Catamarca combina buenos indicadores de sostenibilidad y facilidad con una baja calificación en seguridad, mientras que Misiones se mantiene en un rendimiento intermedio, sin extremos. En el otro extremo, Formosa y Santiago del Estero exhiben niveles aceptables de previsibilidad, pero muestran déficits marcados en facilidad para invertir y en condiciones estructurales para el desarrollo de proyectos verdes.
Lejos de proponer un ranking competitivo, el índice plantea que el verdadero desafío del Norte Grande es la coordinación regional. El informe subraya que las asimetrías productivas, institucionales y ambientales podrían transformarse en complementariedades si existiera una estrategia común que ordene el uso del territorio, fortalezca capacidades estatales y genere reglas claras para el sector privado.

“Además de necesaria en términos ambientales, la transición a una economía verde es una estrategia de desarrollo que genera empleo, reduce la pobreza y mejora la equidad social. Al hacer más fácil, seguro y sostenible su clima de negocios, el Norte Grande puede transformar su potencial en desarrollo real”, sostuvo Luis Karamaneff, doctor en Ciencia Política por la UNSAM y coordinador del proyecto.
El contexto estructural refuerza la urgencia del diagnóstico. El Norte Grande ocupa casi un tercio del territorio nacional y alberga a más de nueve millones de personas, pero apenas concentra una fracción menor de la riqueza del país. La persistencia de economías primarias poco integradas, la falta de infraestructura y las debilidades institucionales explican por qué una región clave para la bioeconomía y la producción sostenible sigue siendo expulsora de población.
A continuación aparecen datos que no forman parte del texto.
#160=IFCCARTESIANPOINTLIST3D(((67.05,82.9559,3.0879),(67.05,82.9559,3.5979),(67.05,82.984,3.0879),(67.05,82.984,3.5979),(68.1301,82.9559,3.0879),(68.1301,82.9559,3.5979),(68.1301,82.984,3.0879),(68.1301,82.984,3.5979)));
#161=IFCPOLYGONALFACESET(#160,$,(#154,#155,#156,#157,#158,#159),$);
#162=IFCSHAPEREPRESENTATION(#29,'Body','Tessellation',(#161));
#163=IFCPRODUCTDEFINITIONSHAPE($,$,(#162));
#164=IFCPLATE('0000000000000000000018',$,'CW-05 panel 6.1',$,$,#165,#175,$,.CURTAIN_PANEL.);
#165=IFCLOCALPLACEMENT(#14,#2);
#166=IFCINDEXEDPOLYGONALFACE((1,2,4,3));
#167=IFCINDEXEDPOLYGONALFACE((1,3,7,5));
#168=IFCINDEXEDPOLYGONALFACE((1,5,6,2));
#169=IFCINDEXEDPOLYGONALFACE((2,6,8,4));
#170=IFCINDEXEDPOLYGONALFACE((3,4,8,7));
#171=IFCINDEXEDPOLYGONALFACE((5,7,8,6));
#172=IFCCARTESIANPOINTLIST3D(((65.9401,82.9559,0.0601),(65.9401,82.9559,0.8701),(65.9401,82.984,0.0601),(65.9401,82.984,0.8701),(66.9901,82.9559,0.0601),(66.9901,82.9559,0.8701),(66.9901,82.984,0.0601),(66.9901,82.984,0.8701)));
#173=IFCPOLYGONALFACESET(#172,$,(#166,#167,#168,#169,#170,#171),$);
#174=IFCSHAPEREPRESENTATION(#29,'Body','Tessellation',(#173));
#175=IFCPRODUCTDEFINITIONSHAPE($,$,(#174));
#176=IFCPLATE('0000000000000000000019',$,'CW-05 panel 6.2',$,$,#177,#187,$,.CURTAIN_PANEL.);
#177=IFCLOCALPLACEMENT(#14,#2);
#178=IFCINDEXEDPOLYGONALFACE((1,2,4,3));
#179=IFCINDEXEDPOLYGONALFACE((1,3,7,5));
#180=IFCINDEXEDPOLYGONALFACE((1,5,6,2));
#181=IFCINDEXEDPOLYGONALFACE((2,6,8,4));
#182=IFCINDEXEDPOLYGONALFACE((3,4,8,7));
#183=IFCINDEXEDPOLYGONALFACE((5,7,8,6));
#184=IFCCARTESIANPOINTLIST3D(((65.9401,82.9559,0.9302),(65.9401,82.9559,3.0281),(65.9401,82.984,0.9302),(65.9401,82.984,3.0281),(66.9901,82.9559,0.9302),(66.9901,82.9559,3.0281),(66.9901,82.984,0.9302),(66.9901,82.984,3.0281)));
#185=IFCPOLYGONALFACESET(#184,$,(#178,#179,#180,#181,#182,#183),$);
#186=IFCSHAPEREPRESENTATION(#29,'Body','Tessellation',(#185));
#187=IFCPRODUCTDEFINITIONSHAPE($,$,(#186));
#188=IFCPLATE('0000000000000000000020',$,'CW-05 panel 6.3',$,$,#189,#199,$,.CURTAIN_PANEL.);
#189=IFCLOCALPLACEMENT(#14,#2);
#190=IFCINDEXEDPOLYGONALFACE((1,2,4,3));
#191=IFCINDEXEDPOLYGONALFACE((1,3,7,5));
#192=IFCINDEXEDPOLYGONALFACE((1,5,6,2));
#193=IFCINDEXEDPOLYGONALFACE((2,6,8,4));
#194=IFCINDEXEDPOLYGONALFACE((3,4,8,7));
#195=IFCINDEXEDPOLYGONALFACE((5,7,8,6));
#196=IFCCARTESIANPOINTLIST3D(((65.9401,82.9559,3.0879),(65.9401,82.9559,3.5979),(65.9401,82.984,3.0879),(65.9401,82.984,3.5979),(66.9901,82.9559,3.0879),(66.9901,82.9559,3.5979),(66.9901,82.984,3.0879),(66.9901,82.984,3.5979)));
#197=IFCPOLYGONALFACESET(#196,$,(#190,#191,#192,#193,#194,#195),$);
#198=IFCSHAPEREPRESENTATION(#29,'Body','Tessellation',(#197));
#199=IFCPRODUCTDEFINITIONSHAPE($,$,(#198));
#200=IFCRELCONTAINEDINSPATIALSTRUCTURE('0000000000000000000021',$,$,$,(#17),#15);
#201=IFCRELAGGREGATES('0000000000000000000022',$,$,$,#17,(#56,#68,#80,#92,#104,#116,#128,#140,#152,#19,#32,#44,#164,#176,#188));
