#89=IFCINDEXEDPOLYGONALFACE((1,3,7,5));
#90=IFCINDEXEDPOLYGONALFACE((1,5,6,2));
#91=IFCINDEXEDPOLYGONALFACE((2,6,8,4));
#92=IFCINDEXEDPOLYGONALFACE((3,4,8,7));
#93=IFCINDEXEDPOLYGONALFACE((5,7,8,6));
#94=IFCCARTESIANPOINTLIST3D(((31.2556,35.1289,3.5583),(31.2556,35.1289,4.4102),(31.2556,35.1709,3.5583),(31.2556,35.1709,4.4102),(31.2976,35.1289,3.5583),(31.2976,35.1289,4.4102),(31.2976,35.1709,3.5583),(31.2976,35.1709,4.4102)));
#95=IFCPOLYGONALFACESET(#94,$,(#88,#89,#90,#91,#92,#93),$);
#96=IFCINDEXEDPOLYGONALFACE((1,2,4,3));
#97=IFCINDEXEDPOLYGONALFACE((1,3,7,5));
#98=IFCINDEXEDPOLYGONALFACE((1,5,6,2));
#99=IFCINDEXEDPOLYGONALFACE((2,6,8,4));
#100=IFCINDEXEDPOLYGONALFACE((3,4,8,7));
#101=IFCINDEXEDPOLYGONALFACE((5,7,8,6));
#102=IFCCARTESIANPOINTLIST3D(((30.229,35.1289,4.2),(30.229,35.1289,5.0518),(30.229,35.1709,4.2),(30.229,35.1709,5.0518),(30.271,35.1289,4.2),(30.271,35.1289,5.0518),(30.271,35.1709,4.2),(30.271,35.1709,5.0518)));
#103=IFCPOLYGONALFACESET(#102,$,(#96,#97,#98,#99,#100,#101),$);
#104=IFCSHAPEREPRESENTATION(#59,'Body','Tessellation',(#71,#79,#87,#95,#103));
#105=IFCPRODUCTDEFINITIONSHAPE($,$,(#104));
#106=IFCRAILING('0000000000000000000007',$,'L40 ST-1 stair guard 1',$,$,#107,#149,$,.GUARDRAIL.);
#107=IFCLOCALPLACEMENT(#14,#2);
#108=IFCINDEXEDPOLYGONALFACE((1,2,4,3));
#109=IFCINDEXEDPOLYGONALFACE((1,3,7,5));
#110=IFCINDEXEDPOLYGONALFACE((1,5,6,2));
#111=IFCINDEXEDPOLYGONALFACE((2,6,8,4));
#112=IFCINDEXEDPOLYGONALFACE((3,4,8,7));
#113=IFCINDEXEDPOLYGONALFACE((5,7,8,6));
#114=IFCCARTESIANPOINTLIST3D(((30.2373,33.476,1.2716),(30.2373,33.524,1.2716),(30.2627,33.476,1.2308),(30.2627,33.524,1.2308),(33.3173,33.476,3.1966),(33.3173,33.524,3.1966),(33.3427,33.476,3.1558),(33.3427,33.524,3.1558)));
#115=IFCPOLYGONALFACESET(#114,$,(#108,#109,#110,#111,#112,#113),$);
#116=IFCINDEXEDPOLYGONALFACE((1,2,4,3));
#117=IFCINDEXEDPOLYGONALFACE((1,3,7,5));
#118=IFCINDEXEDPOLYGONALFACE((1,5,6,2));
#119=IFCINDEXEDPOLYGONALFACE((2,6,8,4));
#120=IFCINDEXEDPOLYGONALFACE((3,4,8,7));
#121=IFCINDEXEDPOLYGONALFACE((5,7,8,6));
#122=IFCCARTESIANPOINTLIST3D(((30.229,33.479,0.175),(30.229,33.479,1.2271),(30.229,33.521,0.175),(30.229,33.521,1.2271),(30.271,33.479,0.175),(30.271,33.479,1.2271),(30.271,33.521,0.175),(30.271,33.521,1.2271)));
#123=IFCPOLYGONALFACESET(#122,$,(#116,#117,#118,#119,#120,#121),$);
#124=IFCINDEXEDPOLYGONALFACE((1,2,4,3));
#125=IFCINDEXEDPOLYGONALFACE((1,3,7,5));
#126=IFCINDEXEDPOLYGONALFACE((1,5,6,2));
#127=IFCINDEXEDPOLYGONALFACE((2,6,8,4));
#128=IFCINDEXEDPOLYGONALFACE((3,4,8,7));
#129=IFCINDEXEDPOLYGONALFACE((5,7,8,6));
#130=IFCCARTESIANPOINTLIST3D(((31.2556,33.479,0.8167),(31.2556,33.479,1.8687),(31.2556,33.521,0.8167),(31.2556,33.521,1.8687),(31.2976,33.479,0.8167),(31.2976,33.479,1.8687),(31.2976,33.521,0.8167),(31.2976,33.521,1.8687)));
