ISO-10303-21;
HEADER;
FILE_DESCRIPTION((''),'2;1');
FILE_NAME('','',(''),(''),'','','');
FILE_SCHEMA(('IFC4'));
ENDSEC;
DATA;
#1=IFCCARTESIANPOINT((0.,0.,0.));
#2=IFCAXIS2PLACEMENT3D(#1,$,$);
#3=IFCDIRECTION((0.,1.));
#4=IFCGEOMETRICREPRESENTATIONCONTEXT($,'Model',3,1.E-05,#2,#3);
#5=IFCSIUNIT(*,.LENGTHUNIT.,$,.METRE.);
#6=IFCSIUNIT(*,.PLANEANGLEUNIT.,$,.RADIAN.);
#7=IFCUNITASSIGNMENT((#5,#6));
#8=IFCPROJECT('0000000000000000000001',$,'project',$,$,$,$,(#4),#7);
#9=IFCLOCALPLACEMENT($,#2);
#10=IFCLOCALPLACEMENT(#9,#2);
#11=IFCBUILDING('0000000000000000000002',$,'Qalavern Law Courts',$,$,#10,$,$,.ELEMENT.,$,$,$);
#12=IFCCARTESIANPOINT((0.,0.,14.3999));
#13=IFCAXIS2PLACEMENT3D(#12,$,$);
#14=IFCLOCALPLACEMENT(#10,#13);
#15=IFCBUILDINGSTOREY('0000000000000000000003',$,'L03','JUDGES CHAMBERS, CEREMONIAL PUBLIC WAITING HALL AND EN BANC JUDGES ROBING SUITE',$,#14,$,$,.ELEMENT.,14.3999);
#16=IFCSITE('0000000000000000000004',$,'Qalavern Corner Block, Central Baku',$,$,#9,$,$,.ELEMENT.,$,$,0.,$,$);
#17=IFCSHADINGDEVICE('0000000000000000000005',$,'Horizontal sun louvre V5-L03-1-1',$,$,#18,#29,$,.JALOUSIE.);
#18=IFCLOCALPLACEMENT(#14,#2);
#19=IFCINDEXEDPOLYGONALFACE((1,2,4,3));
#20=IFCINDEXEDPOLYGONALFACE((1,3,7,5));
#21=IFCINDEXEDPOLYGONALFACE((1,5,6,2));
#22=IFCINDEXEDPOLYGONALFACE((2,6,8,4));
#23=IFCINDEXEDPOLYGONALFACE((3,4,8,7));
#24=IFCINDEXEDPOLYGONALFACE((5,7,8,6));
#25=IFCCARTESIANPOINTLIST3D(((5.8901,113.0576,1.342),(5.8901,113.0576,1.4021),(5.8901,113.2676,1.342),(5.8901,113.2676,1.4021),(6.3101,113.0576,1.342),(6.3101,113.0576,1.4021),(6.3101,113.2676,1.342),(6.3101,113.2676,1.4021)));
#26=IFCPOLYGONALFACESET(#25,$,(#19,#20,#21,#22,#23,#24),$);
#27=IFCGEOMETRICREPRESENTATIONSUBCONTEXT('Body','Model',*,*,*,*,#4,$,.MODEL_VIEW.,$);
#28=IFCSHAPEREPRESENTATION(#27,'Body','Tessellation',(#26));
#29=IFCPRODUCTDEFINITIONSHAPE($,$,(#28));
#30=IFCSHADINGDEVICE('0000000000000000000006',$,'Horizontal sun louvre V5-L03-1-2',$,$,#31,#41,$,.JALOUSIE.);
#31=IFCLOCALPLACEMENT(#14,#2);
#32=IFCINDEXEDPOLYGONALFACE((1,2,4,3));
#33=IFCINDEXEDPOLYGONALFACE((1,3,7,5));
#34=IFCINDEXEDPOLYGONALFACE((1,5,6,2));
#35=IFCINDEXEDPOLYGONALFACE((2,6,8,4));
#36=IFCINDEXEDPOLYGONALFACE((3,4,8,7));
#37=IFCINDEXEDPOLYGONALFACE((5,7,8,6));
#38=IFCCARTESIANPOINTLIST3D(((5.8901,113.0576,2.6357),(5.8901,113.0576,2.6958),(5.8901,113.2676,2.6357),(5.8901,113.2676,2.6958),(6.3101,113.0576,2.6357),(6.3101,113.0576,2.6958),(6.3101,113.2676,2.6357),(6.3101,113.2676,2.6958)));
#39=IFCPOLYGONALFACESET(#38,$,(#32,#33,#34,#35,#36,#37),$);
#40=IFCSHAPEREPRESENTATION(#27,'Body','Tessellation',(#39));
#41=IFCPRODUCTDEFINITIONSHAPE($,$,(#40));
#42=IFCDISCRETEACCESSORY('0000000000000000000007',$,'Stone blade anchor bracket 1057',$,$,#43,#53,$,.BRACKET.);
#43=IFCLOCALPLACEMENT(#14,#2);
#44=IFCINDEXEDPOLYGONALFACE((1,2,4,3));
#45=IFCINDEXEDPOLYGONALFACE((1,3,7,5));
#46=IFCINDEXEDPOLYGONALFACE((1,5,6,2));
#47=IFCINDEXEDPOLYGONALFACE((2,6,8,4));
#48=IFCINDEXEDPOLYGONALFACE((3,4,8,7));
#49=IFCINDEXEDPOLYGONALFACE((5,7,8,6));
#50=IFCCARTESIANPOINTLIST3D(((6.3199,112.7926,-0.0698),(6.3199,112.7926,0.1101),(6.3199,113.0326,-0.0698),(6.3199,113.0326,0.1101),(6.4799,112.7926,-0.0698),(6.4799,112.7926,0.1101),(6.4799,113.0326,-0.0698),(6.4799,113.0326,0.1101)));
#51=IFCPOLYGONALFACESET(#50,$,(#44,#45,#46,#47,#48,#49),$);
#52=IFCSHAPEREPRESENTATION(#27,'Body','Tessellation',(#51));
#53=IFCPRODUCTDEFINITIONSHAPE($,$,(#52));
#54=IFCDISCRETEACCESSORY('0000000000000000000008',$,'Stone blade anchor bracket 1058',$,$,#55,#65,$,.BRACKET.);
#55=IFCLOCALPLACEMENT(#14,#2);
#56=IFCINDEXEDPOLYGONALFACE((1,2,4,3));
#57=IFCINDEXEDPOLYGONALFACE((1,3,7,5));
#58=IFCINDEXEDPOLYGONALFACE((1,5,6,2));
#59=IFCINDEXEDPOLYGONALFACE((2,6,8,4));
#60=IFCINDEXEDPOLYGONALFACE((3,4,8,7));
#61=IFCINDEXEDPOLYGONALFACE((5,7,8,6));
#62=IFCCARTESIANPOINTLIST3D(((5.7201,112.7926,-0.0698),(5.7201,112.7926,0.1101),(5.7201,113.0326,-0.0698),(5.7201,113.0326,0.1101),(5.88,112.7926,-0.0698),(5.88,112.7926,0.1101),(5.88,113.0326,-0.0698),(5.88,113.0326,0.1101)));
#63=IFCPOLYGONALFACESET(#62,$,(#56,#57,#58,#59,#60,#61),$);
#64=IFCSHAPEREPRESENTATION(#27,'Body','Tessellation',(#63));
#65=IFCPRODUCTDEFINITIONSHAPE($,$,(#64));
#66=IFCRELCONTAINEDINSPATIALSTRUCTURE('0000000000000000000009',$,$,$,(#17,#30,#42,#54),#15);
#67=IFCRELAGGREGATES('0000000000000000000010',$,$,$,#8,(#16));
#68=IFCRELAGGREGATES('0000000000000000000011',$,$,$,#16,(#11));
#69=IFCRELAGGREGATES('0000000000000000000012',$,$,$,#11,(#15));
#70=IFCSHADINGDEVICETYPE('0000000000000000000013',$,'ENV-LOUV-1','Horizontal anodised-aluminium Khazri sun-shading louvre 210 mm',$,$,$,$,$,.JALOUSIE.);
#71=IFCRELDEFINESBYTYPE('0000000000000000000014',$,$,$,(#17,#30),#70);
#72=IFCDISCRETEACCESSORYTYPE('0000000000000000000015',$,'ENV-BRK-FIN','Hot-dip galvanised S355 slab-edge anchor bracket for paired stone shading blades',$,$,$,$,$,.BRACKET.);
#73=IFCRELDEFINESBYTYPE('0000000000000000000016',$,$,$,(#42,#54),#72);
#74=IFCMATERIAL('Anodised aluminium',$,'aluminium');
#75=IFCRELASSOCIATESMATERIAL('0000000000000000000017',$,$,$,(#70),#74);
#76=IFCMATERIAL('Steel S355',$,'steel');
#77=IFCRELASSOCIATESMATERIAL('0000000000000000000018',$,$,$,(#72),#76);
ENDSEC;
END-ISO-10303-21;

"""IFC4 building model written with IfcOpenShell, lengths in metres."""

from ifc_helpers import new_model, si_unit, direction, frame, origin, origin_2d, place, context, subcontext, project, spatial, rectangle, extrude, material, type_object, element, save


model = new_model("IFC4")

# Units and contexts
model_context = context("Model", 3, precision=1e-05, world=origin(), true_north=direction((0.0, 1.0)))
body_context = subcontext(model_context, "Body", "Model", "MODEL_VIEW")
ifc_project = project(units=[si_unit("LENGTHUNIT", "METRE"), si_unit("PLANEANGLEUNIT", "RADIAN")], contexts=[model_context])

# Site, building, storey
site_placement = place(None, origin())
site = spatial("IfcSite", under=ifc_project, at=site_placement, Name="Qalavern Corner Block, Central Baku", CompositionType="ELEMENT", RefElevation=0.0)
building_placement = place(site_placement, origin())
building = spatial("IfcBuilding", under=site, at=building_placement, Name="Qalavern Law Courts", CompositionType="ELEMENT")
storey_placement = place(building_placement, frame((0.0, 0.0, 14.3999)))
storey = spatial("IfcBuildingStorey", under=building, at=storey_placement, Name="L03", Description="JUDGES CHAMBERS, CEREMONIAL PUBLIC WAITING HALL AND EN BANC JUDGES ROBING SUITE", CompositionType="ELEMENT", Elevation=14.3999)

# Shared definitions
ifc_material_1 = material(Name="Anodised aluminium", Category="aluminium")

# Shared definitions
ifc_material_2 = material(Name="Steel S355", Category="steel")

# Shading devices
shading_device_type = type_object("IfcShadingDeviceType", Name="ENV-LOUV-1", Description="Horizontal anodised-aluminium Khazri sun-shading louvre 210 mm", PredefinedType="JALOUSIE", material=ifc_material_1)
for number, where, z_axis, x_axis, name in (
    (1, (6.1001, 113.1626, 1.342), (0.0, 0.0, 1.0), (-1.0, 0.0, 0.0), "Horizontal sun louvre V5-L03-1-1"),
    (2, (6.1001, 113.1626, 2.6357), (0.0, 0.0, 1.0), (-1.0, 0.0, 0.0), "Horizontal sun louvre V5-L03-1-2"),
):
    element("IfcShadingDevice", number, at=place(storey_placement, frame(where, z_axis=z_axis, x_axis=x_axis)), inside=storey, type_object=shading_device_type, Name=name, PredefinedType="JALOUSIE", context=body_context, shape_type="SweptSolid", body=[
        extrude(rectangle(XDim=0.4199, YDim=0.21, at=origin_2d()), origin(), (0.0, 0.0, 1.0), 0.0601),
    ])

# Discrete accessories
discrete_accessory_type = type_object("IfcDiscreteAccessoryType", Name="ENV-BRK-FIN", Description="Hot-dip galvanised S355 slab-edge anchor bracket for paired stone shading blades", PredefinedType="BRACKET", material=ifc_material_2)
for number, where, z_axis, x_axis, name in (
    (3, (6.3999, 112.9126, -0.0698), (0.0, 0.0, 1.0), (0.0, 1.0, 0.0), "Stone blade anchor bracket 1057"),
    (4, (5.8, 112.9126, -0.0698), (0.0, 0.0, 1.0), (0.0, 1.0, 0.0), "Stone blade anchor bracket 1058"),
):
    element("IfcDiscreteAccessory", number, at=place(storey_placement, frame(where, z_axis=z_axis, x_axis=x_axis)), inside=storey, type_object=discrete_accessory_type, Name=name, PredefinedType="BRACKET", context=body_context, shape_type="SweptSolid", body=[
        extrude(rectangle(XDim=0.24, YDim=0.1599, at=origin_2d()), origin(), (0.0, 0.0, 1.0), 0.1799),
    ])

save(model, "model.ifc")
Con este primer reporte, el Inversor Verde deja expuesto que el debate ya no pasa por identificar oportunidades productivas, que abundan, sino por crear las condiciones políticas, institucionales y territoriales para que esas inversiones se concreten y generen desarrollo real. En ese punto, el índice funciona menos como una vidriera y más como un termómetro incómodo del estado actual del Norte Grande frente al desafío de producir en verde.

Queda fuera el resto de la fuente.